Bibliotheken und Buchhandlungen geben Schriftstellern Gelegenheit, ihre Werke mit Lesungen vorzustellen – und leisten damit einen Beitrag zum Schweizer Kulturleben.
Lesungen sind eine tolle Sache, weil Autoren mit ihren Werken hautnah an die Leserinnen herankommen können. Es entsteht eine Beziehung zwischen Autor und Leser.
Kennt man einen Autor, liest man ein Buch mit einem anderen Fokus.
Letzte Woche besuchte ich eine Lesung, von der ich begeistert bin. Evi Ketterer las aus ihrem Buch „Geschichten intimer Beziehungen“
„Weil es diese Geschichten gibt“, ist die Antwort der in Palliative Care spezialisierten Pflegefachfrau Evi Ketterer auf die Frage: „Warum dieses Buch?“ Um sofort zu ergänzen: „Mich gibt es ohne das Thema nicht.“
Diese beiden Sätze fassen die wichtigsten Aussagen der Lesung zusammen: Der Tod ist der Tod, niemand weiss wirklich genau, was und wie er ist, für jeden sein wird. Aber Sterben gehört zum Leben, ist Leben. Deshalb soll man darüber sprechen. Und den Sterbeprozess so würdig gestalten wie möglich – für sich selbst und für andere. Was Würde bedeutet, muss jeder Mensch für sich selbst auf Grund seiner individuellen Werte definieren. Andere Menschen haben diese Entscheide achtsam zu respektieren.
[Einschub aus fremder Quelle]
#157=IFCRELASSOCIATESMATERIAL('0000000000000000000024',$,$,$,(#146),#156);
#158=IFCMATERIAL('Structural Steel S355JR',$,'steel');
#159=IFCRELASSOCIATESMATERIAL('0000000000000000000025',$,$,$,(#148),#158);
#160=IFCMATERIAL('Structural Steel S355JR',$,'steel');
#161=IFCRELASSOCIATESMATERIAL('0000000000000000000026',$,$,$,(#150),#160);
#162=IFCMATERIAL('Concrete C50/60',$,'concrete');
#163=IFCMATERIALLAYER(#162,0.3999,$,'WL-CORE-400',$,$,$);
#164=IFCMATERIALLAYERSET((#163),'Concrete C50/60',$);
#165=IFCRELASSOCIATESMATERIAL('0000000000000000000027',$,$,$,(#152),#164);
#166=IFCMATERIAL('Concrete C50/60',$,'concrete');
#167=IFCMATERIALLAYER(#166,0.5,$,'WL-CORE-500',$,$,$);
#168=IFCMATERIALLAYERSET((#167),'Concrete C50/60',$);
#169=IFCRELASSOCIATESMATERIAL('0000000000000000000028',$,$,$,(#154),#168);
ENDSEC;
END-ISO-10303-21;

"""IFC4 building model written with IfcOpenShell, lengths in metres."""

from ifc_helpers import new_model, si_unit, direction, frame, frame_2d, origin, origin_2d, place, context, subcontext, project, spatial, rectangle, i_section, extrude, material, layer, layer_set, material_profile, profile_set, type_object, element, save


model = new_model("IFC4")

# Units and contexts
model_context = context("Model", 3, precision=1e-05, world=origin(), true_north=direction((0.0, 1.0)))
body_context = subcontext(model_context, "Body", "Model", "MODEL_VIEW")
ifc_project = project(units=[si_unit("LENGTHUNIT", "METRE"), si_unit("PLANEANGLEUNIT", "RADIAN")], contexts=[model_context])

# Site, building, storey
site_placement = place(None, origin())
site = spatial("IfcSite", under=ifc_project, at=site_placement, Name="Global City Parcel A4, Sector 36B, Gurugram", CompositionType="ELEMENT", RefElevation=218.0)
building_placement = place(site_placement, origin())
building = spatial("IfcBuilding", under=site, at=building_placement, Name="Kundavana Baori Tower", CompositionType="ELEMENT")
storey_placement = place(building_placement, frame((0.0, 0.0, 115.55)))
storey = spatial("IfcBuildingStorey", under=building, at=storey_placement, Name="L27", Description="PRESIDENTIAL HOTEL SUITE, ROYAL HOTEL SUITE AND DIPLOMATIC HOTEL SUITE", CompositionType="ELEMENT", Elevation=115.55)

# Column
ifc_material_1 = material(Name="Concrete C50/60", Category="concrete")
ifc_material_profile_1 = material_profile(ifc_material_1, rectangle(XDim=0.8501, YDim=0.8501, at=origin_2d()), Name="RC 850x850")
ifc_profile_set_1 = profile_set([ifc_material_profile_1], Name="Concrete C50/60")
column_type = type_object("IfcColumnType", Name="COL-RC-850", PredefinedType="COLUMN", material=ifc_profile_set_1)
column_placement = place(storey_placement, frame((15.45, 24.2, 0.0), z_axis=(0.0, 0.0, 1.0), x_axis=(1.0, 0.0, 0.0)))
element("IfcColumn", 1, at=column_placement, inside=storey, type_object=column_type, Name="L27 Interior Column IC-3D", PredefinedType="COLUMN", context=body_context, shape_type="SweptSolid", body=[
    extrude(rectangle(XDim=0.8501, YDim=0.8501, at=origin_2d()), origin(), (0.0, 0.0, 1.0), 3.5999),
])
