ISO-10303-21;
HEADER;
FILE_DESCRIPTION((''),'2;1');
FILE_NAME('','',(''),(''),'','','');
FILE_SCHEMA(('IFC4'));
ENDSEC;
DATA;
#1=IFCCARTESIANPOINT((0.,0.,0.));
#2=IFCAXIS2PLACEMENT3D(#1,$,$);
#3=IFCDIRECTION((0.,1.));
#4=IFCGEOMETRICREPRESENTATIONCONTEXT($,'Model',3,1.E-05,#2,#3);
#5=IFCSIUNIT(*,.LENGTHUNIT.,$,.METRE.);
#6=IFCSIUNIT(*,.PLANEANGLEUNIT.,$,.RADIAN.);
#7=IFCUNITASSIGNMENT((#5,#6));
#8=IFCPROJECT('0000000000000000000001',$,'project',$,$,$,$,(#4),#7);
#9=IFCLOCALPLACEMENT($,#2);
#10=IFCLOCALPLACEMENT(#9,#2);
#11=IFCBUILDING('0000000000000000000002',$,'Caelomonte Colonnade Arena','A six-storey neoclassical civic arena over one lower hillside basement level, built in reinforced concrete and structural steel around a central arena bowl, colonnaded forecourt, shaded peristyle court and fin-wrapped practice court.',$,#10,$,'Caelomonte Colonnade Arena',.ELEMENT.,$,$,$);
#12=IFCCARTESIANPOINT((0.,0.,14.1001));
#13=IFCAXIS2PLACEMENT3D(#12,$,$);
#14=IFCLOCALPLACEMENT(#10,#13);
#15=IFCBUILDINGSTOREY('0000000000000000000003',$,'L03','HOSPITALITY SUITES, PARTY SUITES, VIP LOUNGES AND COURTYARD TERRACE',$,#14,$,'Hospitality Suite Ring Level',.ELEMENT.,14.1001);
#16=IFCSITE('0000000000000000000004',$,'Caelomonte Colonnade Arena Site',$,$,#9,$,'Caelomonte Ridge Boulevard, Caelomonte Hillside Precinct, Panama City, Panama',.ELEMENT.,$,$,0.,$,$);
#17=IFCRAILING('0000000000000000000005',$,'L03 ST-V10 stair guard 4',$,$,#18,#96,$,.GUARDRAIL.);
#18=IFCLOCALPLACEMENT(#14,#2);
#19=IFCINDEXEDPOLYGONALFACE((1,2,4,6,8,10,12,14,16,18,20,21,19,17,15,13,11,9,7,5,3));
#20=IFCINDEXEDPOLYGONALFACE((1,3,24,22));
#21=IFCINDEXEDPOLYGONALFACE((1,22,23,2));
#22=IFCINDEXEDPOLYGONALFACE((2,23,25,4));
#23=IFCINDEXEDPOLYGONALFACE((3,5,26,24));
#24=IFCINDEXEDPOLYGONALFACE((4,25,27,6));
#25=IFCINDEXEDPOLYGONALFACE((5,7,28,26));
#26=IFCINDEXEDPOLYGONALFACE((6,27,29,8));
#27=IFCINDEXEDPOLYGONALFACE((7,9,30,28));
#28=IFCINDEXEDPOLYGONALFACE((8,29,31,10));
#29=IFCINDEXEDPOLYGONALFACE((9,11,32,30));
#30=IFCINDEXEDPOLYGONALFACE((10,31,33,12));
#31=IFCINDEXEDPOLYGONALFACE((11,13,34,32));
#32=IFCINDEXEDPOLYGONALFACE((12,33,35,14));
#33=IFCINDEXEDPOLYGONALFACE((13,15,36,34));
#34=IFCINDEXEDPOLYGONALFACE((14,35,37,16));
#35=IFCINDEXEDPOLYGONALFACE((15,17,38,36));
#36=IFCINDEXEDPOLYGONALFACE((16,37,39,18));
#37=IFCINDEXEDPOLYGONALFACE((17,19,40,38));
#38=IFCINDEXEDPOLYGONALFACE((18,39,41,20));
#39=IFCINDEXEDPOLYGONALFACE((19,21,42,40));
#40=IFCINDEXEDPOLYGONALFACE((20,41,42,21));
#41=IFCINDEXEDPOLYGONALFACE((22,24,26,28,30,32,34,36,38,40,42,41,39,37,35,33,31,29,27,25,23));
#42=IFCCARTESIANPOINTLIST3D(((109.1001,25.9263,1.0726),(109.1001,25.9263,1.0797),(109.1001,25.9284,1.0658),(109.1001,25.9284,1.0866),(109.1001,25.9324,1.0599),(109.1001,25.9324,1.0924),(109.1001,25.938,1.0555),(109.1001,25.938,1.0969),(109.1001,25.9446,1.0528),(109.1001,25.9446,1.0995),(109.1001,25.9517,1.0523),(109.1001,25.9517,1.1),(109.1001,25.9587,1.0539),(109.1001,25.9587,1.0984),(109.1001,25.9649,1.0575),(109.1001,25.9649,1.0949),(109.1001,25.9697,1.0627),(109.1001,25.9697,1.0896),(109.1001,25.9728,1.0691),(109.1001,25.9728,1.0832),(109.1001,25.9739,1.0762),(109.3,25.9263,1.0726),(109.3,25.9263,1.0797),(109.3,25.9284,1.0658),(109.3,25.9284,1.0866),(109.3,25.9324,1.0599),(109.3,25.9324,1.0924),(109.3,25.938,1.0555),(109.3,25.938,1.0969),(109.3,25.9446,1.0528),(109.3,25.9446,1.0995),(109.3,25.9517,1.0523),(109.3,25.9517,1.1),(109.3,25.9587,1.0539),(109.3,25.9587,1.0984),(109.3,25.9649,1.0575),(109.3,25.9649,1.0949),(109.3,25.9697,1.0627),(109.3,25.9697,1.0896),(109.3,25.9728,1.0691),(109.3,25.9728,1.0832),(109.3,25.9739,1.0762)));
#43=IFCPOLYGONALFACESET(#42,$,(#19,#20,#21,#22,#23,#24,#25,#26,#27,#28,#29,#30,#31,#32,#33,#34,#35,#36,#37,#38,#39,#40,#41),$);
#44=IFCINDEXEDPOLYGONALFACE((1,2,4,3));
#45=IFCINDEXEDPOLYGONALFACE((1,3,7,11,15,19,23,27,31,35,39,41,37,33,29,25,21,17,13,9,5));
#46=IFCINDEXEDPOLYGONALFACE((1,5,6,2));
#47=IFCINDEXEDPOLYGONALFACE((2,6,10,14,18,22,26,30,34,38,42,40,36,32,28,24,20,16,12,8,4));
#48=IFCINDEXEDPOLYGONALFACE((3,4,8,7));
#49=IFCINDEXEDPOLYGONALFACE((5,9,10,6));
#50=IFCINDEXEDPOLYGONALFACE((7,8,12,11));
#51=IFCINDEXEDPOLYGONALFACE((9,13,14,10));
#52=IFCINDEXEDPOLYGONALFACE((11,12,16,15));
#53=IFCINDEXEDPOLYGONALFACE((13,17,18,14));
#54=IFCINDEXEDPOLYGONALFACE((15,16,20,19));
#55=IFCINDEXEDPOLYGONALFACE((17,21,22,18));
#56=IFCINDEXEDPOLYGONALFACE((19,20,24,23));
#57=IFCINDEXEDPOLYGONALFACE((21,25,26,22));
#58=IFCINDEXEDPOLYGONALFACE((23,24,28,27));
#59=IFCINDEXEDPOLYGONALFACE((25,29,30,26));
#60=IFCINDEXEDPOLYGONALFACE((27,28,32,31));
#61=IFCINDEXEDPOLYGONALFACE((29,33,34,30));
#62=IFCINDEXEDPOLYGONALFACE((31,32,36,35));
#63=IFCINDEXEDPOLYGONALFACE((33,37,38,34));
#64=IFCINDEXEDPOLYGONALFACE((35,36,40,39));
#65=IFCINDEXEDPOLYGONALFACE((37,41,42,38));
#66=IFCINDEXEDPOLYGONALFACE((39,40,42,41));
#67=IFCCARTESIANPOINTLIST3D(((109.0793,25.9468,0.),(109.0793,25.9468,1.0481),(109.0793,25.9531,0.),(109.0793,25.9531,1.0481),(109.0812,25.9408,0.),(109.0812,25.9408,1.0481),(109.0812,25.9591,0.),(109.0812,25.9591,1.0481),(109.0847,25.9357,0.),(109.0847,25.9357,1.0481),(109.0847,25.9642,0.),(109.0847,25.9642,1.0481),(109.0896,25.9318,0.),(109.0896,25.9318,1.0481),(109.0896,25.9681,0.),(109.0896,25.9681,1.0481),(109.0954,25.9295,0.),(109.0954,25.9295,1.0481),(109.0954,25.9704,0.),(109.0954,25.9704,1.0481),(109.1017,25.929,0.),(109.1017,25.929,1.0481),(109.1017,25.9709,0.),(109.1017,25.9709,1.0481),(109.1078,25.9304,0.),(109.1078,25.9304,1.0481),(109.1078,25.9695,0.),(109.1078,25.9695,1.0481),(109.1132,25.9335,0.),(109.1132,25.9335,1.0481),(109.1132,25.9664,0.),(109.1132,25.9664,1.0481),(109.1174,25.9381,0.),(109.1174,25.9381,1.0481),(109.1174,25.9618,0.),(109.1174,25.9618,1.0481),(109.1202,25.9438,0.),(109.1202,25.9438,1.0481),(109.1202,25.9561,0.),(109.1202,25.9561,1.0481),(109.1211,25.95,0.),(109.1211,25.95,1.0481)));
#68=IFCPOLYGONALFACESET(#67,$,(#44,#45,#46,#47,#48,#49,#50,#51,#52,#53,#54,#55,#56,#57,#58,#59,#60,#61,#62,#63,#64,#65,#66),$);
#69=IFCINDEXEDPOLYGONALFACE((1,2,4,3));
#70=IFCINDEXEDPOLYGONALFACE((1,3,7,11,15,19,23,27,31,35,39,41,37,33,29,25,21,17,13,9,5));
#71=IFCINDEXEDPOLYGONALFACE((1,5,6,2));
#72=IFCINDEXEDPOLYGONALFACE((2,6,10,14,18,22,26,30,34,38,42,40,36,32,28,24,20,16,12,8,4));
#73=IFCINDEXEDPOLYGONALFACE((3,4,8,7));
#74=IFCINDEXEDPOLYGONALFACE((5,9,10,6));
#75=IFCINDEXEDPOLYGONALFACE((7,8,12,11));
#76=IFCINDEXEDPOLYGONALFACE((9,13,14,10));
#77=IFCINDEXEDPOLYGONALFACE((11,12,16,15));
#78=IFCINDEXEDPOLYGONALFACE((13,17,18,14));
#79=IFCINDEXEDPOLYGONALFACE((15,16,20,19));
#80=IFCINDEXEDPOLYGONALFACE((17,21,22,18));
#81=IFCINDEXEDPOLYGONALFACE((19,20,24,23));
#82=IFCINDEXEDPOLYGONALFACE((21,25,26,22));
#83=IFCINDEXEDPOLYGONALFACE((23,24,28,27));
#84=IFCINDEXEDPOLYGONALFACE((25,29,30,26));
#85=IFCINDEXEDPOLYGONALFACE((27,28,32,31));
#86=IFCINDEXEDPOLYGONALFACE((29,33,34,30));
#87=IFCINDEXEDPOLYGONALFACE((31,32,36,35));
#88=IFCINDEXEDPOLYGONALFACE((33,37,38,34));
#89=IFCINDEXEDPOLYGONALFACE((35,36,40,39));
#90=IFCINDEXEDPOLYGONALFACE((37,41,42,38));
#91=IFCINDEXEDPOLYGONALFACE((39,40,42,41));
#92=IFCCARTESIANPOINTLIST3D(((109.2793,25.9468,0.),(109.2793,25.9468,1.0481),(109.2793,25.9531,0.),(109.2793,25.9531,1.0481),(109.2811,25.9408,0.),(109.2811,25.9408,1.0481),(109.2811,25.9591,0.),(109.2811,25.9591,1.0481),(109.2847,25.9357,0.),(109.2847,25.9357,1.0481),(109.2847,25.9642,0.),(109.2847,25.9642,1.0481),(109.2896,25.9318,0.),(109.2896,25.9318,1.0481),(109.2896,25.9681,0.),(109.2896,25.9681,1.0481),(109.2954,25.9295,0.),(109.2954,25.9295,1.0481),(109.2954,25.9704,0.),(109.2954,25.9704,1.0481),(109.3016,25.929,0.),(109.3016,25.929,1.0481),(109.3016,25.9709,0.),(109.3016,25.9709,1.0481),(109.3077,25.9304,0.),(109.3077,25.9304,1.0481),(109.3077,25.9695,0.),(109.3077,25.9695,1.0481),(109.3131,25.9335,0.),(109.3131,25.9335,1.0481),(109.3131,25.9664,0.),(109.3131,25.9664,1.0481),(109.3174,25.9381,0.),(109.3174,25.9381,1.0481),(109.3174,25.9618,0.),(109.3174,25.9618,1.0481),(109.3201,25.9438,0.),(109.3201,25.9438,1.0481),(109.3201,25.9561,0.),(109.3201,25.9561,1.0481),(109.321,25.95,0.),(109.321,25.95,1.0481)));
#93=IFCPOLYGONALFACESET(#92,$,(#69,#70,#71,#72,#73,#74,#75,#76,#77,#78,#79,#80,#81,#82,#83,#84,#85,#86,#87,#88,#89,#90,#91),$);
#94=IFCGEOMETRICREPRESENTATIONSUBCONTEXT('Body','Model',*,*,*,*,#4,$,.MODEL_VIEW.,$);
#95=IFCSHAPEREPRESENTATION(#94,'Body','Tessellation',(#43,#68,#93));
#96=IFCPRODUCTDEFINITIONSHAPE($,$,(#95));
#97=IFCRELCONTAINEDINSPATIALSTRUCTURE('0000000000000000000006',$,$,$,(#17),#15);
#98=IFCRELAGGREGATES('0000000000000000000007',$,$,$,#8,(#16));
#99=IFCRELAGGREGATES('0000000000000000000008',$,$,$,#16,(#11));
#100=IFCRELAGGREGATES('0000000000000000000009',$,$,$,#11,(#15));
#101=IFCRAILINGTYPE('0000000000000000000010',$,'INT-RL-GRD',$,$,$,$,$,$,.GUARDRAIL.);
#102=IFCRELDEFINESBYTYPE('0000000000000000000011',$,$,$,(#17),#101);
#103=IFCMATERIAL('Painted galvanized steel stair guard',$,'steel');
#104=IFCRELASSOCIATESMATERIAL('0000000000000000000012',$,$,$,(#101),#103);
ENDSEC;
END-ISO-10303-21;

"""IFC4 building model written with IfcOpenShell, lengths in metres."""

from ifc_helpers import new_model, si_unit, direction, frame, origin, origin_2d, place, context, subcontext, project, spatial, circle, extrude, material, type_object, element, save


model = new_model("IFC4")

# Units and contexts
model_context = context("Model", 3, precision=1e-05, world=origin(), true_north=direction((0.0, 1.0)))
body_context = subcontext(model_context, "Body", "Model", "MODEL_VIEW")
ifc_project = project(units=[si_unit("LENGTHUNIT", "METRE"), si_unit("PLANEANGLEUNIT", "RADIAN")], contexts=[model_context])

# Site, building, storey
site_placement = place(None, origin())
site = spatial("IfcSite", under=ifc_project, at=site_placement, Name="Caelomonte Colonnade Arena Site", LongName="Caelomonte Ridge Boulevard, Caelomonte Hillside Precinct, Panama City, Panama", CompositionType="ELEMENT", RefElevation=0.0)
building_placement = place(site_placement, origin())
building = spatial("IfcBuilding", under=site, at=building_placement, Name="Caelomonte Colonnade Arena", Description="A six-storey neoclassical civic arena over one lower hillside basement level, built in reinforced concrete and structural steel around a central arena bowl, colonnaded forecourt, shaded peristyle court and fin-wrapped practice court.", LongName="Caelomonte Colonnade Arena", CompositionType="ELEMENT")
storey_placement = place(building_placement, frame((0.0, 0.0, 14.1001)))
storey = spatial("IfcBuildingStorey", under=building, at=storey_placement, Name="L03", Description="HOSPITALITY SUITES, PARTY SUITES, VIP LOUNGES AND COURTYARD TERRACE", LongName="Hospitality Suite Ring Level", CompositionType="ELEMENT", Elevation=14.1001)

# Railing
ifc_material_1 = material(Name="Painted galvanized steel stair guard", Category="steel")
railing_type_1 = type_object("IfcRailingType", Name="INT-RL-GRD", PredefinedType="GUARDRAIL", material=ifc_material_1)
railing_1_placement = place(storey_placement, frame((109.1001, 25.95, 0.0)))
element("IfcRailing", 1, at=railing_1_placement, inside=storey, type_object=railing_type_1, Name="L03 ST-V10 stair guard 4", PredefinedType="GUARDRAIL", context=body_context, shape_type="SweptSolid", body=[
    extrude(circle(Radius=0.0239, at=origin_2d()), frame((0.0, 0.0, 1.0762), z_axis=(1.0, 0.0, 0.0), x_axis=(0.0, 1.0, 0.0)), (0.0, 0.0, 1.0), 0.2),
    extrude(circle(Radius=0.021, at=origin_2d()), origin(), (0.0, 0.0, 1.0), 1.0481),
    extrude(circle(Radius=0.021, at=origin_2d()), frame((0.2, 0.0, 0.0)), (0.0, 0.0, 1.0), 1.0481),
])

save(model, "model.ifc")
Die Lesung begann mit dem Brief einer Tochter. Evi Ketterer hatte die Geschichte des Sterbens ihrer Mutter – als gemeinsamen Prozess eines Ehepaares – in ihrem Buch festgehalten. Diese Tochter beschrieb, wie sie beim Lesen statt in Tränen auszubrechen, in ein gutes, warmes Gefühl hineinfand. Die Reaktionen, die Gefühle von Angehörigen und Betreuenden, sind Evi Ketterer wichtig.
Nach der Lesung der Geschichte war es still, einfach still – eine adäquate Reaktion des Publikums.
Und trotz der Anwesenheit vieler Fachpersonen blieb die erste Frage von Evi Ketterer zuerst unbeantwortet: „Wie geht es Ihnen mit dem Sterben?“. Die Buchhändlerin brach das Eis mit einer ganz persönlichen Antwort – oder war es schlussendlich eine Frage? Denn Antworten rufen bei diesem Thema nach Fragen.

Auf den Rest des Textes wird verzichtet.